The Communist Party of the Philippines in a statement said the Arroyo administration is “strategically deploying its units in areas where foreign mining concessionaires are to operate.”
”With the AFP and PNP serving as the armed mercenaries of foreign mining companies, the Filipino people will never know peace,” it said.
The CPP added that the military is “giving special attention to Mindanao, where there are large deposits of oil, natural gas, gold, copper and other minerals.”
“The people of Mindanao, including the Moro people, are bound to intensify their armed struggle in defense of the environment and their livelihood against the plunder and rape of their resources by foreign mining companies,” it said.
The Moro Islamic Liberation Front (MILF) warned mining companies against exploiting mineral deposits in rebel strongholds pending the resolution of the ancestral domain issue.
Mohagher Iqbal, MILF chief peace negotiator, said exploitation of mineral resources in their areas still need to be addressed when both panels meet to discuss ancestral domain.
“These [mining ventures] can be a source of irritant or armed confrontation and might even seriously affect the talks,” Iqbal warned.
He claimed that “it is not proper” and even risky for the government to approve contracts with any local or international companies to undertake mining activities in areas where many of their forces are located.
He also said many of the still untapped mineral resources such as gold, copper and silver are located in areas with MILF presence particularly in the vast lands between Lanao Del Sur and Maguindanao, in the mountain ranges of Datu Odin Sinsuat, Talayan, Datu Piang, North Upi, South Upi, in Maguindanao; Palimbang in Sultan Kudarat; Columbio, Sultan Kudarat; in the Davao provinces; in the Zamboanga Peninsula; Sarangani, and South Cotabato.

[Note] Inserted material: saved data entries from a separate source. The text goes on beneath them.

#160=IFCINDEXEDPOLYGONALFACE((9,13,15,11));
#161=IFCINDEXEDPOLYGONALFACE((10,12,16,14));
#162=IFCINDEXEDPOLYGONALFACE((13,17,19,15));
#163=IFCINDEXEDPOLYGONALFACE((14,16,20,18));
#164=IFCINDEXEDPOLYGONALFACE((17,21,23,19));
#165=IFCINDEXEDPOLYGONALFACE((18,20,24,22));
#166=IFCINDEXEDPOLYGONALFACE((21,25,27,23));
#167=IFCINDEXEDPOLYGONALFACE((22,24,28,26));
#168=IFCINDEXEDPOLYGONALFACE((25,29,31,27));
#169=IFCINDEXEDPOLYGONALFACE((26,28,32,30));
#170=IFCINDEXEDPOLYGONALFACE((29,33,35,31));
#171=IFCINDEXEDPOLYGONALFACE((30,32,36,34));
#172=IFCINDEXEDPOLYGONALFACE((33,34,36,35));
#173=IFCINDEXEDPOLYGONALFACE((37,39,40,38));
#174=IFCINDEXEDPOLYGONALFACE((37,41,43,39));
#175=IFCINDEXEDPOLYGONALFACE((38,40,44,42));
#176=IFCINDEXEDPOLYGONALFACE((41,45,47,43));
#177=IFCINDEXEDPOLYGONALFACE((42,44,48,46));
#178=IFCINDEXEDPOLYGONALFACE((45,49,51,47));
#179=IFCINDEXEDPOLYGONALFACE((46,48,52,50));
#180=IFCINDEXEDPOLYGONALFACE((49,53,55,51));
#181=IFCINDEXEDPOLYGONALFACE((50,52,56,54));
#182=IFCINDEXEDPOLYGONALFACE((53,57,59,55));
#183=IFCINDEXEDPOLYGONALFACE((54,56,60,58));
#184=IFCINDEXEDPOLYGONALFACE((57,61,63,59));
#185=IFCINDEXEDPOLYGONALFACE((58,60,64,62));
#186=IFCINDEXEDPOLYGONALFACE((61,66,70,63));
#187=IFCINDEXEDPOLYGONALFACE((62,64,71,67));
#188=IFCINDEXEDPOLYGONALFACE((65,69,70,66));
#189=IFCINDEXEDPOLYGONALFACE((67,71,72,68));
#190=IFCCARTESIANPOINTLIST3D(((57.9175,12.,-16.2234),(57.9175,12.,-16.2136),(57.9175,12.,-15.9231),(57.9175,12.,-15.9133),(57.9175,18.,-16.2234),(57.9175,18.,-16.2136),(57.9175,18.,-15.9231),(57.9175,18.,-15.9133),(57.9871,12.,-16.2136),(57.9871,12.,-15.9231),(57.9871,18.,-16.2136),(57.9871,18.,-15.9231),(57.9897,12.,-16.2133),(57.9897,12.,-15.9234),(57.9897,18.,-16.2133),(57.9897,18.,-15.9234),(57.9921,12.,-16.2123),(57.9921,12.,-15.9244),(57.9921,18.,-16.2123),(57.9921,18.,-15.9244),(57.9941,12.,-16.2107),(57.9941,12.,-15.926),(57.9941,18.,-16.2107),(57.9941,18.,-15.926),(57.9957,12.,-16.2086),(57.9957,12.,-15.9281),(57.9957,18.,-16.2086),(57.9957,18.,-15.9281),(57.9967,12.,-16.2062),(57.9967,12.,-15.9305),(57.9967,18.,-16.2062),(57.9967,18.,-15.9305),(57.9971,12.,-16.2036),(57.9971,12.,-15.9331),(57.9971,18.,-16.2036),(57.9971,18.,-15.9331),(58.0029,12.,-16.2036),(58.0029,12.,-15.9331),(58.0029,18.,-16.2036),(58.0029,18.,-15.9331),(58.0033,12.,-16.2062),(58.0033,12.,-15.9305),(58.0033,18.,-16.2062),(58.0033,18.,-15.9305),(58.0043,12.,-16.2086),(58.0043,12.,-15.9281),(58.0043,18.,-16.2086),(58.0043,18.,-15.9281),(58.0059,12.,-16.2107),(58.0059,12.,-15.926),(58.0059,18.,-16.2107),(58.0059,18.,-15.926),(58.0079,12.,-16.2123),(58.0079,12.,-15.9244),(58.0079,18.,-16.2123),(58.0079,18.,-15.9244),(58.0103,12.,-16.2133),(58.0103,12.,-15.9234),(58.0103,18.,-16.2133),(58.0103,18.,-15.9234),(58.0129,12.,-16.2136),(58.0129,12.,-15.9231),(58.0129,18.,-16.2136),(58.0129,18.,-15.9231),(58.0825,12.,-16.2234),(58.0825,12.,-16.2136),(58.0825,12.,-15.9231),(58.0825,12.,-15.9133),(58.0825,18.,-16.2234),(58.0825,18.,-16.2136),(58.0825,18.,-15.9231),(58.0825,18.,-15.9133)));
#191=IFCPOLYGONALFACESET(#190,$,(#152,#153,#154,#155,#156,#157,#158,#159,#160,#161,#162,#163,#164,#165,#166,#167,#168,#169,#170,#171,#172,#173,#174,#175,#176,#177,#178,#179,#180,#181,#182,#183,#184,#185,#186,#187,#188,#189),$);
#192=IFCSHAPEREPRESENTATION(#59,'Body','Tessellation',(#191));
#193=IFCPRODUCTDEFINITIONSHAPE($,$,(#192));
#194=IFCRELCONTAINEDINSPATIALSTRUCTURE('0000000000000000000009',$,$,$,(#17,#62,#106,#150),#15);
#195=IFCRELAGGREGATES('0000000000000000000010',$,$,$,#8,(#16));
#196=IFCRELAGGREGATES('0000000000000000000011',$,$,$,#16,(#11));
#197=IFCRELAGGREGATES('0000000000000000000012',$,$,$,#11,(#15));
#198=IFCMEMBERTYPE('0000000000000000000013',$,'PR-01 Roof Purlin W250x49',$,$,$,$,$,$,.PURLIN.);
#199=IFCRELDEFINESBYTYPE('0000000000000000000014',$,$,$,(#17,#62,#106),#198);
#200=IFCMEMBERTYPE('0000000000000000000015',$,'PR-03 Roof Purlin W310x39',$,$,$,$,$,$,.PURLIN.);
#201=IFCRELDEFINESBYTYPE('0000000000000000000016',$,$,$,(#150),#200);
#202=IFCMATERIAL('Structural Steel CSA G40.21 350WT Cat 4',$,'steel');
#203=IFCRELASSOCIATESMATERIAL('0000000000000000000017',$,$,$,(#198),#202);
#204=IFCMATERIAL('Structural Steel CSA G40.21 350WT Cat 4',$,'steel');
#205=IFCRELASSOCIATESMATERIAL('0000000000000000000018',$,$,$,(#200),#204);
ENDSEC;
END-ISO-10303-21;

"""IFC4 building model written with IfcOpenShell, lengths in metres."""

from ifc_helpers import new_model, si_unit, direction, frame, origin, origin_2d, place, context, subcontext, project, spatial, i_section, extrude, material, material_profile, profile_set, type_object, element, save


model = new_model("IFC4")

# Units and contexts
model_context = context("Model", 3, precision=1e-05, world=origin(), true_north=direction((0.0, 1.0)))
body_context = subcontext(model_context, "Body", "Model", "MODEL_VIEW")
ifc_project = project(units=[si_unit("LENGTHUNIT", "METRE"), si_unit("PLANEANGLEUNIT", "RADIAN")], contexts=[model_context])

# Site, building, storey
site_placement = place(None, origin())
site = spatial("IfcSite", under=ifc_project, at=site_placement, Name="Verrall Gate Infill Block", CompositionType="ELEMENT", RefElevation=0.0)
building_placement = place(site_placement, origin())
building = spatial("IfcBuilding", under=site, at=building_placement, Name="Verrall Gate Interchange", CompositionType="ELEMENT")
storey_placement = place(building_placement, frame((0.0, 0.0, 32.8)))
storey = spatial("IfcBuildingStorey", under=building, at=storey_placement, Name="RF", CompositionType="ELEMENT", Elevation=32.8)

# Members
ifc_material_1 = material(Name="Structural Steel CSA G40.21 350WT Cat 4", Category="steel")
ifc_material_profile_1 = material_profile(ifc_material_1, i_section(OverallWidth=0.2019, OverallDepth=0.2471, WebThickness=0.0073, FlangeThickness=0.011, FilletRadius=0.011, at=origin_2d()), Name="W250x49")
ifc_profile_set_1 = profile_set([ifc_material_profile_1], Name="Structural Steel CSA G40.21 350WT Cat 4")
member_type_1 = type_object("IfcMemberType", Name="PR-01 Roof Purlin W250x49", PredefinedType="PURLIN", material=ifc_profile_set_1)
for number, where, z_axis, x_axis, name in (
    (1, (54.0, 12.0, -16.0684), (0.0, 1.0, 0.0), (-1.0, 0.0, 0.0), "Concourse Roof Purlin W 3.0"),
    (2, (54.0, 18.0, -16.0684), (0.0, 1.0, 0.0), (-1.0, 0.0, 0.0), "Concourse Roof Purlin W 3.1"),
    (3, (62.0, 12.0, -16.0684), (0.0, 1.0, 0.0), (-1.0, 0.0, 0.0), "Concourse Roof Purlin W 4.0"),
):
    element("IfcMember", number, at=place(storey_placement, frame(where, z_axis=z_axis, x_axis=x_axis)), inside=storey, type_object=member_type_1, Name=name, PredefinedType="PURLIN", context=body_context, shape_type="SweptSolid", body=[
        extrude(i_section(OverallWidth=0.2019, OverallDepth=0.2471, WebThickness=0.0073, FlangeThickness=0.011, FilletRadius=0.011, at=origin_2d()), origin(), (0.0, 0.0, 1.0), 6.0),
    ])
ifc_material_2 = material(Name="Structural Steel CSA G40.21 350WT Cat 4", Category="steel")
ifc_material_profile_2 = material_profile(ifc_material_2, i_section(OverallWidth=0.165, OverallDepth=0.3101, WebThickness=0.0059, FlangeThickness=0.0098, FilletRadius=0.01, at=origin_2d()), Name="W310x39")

Mining was also among the contentious issues between the Moro National Liberation Front (MNLF) and the Philippine government.

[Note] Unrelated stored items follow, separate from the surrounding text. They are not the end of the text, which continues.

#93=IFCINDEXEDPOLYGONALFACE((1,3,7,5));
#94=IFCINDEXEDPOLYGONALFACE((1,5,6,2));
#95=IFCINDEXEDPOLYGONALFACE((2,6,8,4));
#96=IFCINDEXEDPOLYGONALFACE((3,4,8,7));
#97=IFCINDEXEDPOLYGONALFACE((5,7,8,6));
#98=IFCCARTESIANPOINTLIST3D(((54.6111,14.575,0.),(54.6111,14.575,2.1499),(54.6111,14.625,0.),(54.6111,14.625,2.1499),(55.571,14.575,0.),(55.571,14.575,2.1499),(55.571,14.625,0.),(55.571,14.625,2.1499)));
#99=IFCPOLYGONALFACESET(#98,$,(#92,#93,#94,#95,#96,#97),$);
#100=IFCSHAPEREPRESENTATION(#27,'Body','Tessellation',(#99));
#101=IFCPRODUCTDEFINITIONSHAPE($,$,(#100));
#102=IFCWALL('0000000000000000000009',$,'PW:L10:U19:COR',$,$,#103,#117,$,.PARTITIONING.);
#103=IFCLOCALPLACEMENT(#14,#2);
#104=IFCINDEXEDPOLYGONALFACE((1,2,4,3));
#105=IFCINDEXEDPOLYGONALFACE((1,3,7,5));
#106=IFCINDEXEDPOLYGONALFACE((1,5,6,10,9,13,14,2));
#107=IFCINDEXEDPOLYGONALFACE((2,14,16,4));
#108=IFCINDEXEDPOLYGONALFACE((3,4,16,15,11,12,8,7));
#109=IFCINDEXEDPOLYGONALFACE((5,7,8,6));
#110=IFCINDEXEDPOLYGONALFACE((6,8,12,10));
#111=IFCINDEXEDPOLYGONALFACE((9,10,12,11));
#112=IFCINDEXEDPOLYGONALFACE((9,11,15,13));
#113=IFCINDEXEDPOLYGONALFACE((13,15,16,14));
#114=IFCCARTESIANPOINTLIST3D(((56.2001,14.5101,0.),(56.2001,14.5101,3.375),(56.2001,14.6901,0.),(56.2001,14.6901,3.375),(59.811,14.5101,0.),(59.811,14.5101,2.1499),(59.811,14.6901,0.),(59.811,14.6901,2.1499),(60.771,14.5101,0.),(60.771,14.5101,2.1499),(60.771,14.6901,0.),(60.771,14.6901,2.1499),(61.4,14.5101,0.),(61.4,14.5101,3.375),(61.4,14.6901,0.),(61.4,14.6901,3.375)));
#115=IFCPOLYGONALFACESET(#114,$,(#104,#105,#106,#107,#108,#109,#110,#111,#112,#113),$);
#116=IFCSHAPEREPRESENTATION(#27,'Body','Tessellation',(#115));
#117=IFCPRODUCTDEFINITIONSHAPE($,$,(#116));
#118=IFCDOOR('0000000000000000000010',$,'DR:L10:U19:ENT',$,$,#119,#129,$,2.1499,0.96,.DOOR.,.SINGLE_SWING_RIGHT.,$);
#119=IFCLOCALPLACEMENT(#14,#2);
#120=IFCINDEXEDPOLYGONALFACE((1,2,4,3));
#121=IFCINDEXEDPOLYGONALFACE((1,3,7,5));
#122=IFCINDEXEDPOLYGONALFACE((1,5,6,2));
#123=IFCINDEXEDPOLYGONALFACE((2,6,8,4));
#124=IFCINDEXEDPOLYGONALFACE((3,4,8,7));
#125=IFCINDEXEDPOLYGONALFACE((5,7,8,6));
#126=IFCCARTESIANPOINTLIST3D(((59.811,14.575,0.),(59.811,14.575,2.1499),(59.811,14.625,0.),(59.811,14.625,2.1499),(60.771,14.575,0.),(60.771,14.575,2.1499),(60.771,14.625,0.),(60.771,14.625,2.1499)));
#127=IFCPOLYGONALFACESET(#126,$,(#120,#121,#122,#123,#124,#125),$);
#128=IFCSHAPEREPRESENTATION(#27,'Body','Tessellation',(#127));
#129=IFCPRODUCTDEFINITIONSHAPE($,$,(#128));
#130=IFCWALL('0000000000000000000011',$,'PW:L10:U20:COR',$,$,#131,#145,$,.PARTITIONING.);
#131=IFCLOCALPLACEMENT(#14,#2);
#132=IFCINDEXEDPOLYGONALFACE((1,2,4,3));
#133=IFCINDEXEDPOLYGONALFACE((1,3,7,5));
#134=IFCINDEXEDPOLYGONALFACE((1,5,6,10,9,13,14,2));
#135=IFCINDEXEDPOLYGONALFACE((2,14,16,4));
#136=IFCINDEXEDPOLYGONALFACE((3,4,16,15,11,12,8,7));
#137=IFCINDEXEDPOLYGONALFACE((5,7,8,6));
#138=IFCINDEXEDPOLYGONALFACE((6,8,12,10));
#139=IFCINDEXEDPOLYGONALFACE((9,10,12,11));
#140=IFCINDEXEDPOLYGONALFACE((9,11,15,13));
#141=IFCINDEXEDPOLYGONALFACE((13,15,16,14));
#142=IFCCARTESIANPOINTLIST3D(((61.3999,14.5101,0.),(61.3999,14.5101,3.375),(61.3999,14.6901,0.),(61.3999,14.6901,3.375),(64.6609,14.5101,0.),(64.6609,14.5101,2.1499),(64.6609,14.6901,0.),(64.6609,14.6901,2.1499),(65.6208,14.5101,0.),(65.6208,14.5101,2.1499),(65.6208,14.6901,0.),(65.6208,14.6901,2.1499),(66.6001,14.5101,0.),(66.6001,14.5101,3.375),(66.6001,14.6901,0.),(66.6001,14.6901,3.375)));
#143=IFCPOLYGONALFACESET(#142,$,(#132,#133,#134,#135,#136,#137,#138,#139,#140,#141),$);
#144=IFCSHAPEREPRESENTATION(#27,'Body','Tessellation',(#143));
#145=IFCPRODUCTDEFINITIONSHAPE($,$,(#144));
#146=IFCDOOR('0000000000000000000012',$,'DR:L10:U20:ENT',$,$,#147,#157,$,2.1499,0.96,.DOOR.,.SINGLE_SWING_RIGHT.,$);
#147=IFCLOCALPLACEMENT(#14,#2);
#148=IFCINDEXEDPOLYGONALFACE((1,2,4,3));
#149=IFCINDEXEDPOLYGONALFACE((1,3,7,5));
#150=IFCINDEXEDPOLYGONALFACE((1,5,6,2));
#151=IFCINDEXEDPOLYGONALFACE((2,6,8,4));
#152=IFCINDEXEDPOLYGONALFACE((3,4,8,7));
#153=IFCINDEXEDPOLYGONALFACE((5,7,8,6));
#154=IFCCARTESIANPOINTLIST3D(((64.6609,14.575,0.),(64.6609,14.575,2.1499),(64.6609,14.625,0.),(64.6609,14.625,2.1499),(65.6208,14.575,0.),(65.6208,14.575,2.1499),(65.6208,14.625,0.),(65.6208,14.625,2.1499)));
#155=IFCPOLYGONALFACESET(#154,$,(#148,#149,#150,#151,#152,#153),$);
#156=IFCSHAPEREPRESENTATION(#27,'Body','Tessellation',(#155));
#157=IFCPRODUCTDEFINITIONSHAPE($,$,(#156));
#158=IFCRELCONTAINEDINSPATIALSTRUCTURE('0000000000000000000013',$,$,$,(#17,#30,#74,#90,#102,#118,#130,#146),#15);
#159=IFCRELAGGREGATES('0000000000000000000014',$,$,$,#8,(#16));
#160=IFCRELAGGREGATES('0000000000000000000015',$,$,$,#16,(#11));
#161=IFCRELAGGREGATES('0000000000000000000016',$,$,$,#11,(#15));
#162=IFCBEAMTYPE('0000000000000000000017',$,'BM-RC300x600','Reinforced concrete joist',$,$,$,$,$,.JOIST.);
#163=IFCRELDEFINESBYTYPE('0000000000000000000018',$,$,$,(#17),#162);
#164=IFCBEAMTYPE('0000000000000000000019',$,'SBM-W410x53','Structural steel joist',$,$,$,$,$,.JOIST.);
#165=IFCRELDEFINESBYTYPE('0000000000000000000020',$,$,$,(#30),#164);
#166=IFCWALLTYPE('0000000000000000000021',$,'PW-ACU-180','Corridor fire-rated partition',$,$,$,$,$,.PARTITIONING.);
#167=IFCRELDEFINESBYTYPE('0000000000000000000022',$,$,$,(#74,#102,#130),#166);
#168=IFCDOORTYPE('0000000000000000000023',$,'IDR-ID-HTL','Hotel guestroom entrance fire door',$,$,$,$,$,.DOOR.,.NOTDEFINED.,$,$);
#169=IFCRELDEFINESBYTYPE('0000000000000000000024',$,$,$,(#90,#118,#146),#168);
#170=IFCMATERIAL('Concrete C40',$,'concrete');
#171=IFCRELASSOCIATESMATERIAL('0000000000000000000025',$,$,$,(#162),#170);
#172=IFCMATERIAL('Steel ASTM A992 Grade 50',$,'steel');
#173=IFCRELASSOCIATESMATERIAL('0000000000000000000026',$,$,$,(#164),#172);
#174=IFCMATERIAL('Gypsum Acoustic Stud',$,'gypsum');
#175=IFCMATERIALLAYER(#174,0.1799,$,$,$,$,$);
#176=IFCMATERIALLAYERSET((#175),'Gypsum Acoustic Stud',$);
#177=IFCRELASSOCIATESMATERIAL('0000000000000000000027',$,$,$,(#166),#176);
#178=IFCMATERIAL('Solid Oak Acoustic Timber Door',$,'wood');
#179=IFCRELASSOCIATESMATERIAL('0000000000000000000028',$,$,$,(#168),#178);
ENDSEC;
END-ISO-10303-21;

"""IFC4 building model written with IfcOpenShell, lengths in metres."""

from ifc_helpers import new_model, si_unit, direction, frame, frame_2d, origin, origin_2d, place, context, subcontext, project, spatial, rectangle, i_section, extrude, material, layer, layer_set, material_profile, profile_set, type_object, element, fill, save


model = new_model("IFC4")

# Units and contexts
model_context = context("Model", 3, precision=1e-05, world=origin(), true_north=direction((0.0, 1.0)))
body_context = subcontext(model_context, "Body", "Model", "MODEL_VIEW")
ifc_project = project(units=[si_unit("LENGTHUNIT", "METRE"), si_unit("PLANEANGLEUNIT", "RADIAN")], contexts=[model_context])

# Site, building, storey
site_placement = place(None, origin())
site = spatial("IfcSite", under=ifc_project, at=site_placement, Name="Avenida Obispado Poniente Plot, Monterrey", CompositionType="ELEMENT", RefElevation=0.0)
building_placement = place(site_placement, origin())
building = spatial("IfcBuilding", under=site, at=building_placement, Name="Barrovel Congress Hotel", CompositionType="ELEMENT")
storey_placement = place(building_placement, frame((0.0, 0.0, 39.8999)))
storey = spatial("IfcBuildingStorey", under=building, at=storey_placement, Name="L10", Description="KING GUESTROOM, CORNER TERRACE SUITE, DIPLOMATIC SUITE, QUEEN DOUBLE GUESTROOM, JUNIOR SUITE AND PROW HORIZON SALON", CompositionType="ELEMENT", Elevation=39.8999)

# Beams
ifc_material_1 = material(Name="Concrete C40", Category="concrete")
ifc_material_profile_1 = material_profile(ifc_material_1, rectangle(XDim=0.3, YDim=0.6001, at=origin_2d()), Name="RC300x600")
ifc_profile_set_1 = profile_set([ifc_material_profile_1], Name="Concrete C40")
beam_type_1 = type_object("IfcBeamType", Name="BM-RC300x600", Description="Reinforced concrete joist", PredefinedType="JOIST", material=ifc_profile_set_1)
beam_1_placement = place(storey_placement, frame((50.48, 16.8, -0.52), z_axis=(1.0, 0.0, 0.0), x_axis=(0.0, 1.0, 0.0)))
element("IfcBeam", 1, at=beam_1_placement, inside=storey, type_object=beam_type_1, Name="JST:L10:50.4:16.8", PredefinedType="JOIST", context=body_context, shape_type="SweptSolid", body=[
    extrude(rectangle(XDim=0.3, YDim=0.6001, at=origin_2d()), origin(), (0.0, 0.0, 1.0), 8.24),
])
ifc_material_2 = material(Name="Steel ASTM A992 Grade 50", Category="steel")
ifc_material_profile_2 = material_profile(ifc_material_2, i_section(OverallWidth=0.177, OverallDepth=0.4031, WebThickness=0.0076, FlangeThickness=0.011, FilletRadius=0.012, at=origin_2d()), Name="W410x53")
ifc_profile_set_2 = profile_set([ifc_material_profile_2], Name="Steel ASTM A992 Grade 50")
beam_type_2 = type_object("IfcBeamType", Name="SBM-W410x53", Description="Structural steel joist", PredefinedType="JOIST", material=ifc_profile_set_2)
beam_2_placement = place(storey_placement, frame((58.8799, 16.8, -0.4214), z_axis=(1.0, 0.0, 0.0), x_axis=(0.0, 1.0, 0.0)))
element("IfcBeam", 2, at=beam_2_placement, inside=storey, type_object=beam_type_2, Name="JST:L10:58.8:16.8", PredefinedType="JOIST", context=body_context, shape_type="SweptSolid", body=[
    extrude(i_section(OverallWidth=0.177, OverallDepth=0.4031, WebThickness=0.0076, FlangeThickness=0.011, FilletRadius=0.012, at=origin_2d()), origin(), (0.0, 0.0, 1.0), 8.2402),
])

Although it signed a peace agreement with the government on September 2, 1996, the MNLF, then undivided under Nur Misuari, objected in 2001 to the passage of RA 9054, the law that supposedly amended RA 6734, the Organic Act creating the Autonomous Region in Muslim Mindanao (ARMM), to allow for its expansion based on the 1996 peace pact.
Misuari repeatedly said then that the law rendered the ARMM even less autonomous.
One of the provisions the MNLF objected to was the identification under RA 9054 of minerals, fuels, oils, all sources of potential energy, and other natural resources, including lakes, rivers, lagoons, forests and watersheds as among those exempted from the ARMM’s control, exploration, utilization, development and protection as ancestral domain.
Under the 1996 peace agreement, the control and supervision over these natural resources "except strategic minerals which will be defined later" were to be vested in the ARMM.
The MNLF argued that the identification of these "strategic minerals" was done "unilaterally, arbitrarily and unconscionably" by the government, thus violating the peace agreement’s provision that the identification be done both by the MNLF and the government "with the positive contribution of technical experts from the Organization of Islamic Conference."
The MNLF then said that this "gross violation of the agreement… strikes at the heart of the jurisdiction of the ARMM over mines and minerals within its territory."
It said the new law would “rob the native inhabitants of the region of their birthright over their God-given natural resources.”
For both the Lumad and Moro in Mindanao, the struggle for land continues.